What to do when you can't do
In 2014 a series experiments emanating from Harvard (Guardian, 2014) showed that people would rather administer themselves electric shocks than be left alone with their thoughts. In 11 separate studies people, from different ages and backgrounds were asked to sit alone just to think for up to 15 minutes with only an electric shock machine for company. Within that time large amounts of people started to give themselves electric shocks. Of course, there are many reasons for this, curiosity being one (interestingly more men than women tended to shock themselves, men are generally accepted to be more sensation seeking that women), but overwhelmingly the idea of being left alone with just their thoughts proved too much for many who instead sought distraction in pain.
So why raise this? Well we in education suddenly find ourselves in a position where we can no longer do as we have always done. Teachers in the main tend to be doers and fixers. Our day is comprised of rushing through hundreds of timetabled interactions, intervening, altering, controlling every minute of the day. And suddenly this has fallen away in its old format leaving us very much with our own thoughts and an inability to do as we have always done.
So, what do we do when we can no longer do? How to we keep ourselves healthy and settled when all of the strategies and rhythms of the life we have lived with change? When it’s just us and we need to actively construct the system rather than move and react to a system imposed upon us.
Well here are a few thoughts…..
Meditate
Meditation or mindfulness has become a panacea for the mental health movement and can at times be seen as something that is there to remedy an aching mind. However, meditation is a practice, just as eating five a day and doing at least three lots of exercise a week that oils your engine and brings you back into balance. It is a place to rest. A small window just to allow yourself not to have to think. It is 10 minutes a day and it is certainly not just about suddenly becoming zen!
Imagine you are walking along a road and you fall in a hole, if you are not very physically strong or nimble you will stay in that hole for a while, wandering round it, worrying about being in the hole, catastrophising about never again leaving this crevice. Eventually you will be able to climb out, with much effort, but may then go and fall in the next hole in the road.
This metaphor encapsulates our thought patterns. We trundle along life constantly falling into holes of our thoughts, ruminating and caught up in them, often catastrophising and worrying. Meditation is the practice of realising we are in the hole and getting out of it.

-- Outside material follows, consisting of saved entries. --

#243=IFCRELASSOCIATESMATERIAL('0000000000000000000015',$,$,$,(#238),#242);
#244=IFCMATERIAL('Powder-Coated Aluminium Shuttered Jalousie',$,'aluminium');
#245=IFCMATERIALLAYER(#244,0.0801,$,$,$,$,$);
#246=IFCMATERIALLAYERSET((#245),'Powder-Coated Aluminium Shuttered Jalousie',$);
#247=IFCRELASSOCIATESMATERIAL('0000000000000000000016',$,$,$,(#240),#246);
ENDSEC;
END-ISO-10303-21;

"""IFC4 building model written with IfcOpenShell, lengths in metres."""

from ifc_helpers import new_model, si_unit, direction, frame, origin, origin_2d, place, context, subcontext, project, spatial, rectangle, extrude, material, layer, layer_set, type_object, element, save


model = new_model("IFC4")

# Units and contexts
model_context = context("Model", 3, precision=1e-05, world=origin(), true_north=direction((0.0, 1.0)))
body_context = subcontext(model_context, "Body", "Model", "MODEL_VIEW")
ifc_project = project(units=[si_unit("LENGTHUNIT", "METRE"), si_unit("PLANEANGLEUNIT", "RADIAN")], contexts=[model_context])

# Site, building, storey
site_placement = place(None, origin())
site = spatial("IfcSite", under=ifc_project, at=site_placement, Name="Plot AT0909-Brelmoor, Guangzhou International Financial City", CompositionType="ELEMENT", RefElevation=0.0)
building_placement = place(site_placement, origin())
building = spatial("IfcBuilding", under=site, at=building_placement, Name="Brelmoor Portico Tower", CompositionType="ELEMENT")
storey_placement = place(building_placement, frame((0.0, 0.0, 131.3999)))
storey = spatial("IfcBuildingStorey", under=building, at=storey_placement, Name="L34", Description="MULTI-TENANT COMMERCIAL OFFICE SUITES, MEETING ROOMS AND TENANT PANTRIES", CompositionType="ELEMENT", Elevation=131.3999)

We may fall into the next hole still (indeed we definitely will) but with practice meditation will allow us to jump out of the holes quicker – before they become the mental life we live in – down in the hole.

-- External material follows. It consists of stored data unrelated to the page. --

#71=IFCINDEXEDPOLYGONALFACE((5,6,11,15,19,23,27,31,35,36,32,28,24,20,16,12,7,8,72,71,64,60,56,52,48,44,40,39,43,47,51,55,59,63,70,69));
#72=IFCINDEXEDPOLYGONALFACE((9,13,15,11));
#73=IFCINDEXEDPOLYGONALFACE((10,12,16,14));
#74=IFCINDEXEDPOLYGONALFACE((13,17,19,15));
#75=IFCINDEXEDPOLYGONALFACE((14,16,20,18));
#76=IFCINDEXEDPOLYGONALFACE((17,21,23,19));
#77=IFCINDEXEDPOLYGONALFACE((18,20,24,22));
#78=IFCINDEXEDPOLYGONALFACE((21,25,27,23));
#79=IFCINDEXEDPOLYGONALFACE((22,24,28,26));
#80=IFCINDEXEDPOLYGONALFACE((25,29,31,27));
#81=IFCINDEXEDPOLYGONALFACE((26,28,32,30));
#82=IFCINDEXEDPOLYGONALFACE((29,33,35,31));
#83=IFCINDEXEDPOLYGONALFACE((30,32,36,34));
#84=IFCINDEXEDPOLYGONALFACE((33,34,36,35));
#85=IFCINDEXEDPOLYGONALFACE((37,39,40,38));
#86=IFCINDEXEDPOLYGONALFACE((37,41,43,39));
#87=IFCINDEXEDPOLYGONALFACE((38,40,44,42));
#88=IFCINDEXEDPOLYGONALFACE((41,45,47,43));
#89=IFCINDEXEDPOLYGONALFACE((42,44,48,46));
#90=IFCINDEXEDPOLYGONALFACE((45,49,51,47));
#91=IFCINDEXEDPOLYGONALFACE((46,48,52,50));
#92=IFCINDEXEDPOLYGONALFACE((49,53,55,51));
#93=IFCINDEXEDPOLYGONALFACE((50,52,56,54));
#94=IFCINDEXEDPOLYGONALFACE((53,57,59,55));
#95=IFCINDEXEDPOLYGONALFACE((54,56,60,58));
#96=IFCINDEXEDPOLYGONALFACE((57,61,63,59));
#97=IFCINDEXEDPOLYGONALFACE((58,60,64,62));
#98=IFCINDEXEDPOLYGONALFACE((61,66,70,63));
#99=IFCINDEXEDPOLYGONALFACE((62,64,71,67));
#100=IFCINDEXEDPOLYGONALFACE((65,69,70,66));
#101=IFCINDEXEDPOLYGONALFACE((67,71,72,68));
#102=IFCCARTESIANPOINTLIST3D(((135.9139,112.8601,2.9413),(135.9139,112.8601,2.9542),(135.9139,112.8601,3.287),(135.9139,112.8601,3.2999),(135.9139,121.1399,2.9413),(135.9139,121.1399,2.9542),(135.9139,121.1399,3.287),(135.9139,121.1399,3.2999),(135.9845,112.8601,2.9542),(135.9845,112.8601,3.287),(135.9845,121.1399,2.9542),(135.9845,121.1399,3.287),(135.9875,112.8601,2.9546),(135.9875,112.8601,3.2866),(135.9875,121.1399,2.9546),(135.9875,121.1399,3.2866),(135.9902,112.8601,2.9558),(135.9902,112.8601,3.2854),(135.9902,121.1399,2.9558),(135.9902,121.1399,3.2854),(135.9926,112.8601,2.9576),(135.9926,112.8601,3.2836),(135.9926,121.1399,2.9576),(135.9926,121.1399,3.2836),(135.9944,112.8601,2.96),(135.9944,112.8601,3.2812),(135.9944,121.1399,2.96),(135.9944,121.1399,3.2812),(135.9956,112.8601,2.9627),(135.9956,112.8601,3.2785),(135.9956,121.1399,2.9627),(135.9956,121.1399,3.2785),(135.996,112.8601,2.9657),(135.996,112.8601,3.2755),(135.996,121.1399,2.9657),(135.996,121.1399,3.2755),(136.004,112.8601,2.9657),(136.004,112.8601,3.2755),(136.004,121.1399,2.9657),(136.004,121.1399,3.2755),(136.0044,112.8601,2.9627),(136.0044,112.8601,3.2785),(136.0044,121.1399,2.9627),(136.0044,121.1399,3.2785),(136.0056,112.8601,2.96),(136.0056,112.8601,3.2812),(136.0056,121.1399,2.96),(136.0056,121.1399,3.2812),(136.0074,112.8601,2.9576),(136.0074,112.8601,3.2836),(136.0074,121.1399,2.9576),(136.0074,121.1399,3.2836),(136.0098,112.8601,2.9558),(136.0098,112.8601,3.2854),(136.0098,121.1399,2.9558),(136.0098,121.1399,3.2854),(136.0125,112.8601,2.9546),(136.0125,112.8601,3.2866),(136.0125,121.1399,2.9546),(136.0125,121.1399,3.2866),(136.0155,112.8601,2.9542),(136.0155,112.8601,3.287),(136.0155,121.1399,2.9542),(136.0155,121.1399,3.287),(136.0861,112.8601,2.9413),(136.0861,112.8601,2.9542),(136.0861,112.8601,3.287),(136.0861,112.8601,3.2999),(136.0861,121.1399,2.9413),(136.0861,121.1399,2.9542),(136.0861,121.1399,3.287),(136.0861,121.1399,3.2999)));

What I am trying to say is that meditation helps us understand our minds better – it’s a journey, but often not a comfortable one so when you start, don’t have an electric shock machine next to you!
Pro-activity and connection
Often when we find ourselves more isolated, the fears of being forgotten, out of the loop, not really wanted can creep in. When others aren’t physically around to pass our classroom, bump into in the staffroom, meet after school we can think we are alone. We aren’t, it is just that often takes one person to catalyse the interactions. I have seen this with my son this week, not wanting to initiate a video call with friends, feeling silly or not able to reach out in case he is rejected. These are thoughts and not the reality. We all are part of the tribe and it is at times like these we need to actively connect rather than await the passive connection. I am sure many of you have spoken to people you have not been in touch with for a while this week. Continue to actively set this up and proactively get involved, you and the tribe will feel the uplift and bond from every small action.
Anchor yourself
Remember what is real and what is the whirlwind of fear. You know this deep-down; it is about connecting with this. Social media triggers every one of our evolved fear responses, it screams at us to do something, to feel something, to be something. You do not need to do, or feel or be anything other than what you are right now. Whatever arises you will deal with and anchoring yourself to what you know (rather than impulsively in the moment feel) is important right now. Listen to your truth, not the storm raging out there.
Control and Impermanence
This final point relates to my book The Trust Revolution in Schools (out in July!) all of this is about letting go of control. If I had said to you at the end of January that by the end of March there would be no flights, no pubs or restaurants open and all the schools would be closed you would have thought I was quite mad. But here we are. Control of anything is an illusion. We set up these ideas because it gives us a sense of being in charge and having stability. Which is also an illusion that we all buy in to. That artifice has been laid bare of late. But that’s ok because now we don’t have to control it all, but instead just go with it. Trying to predict, put down future markers, be definite about plans is futile and creates frustration and worry. In the words of Elsa – let it go! All this is impermanent and will change again so soon, how and where we don’t know. That’s the adventure we are all on now, think of the stories we will have to tell!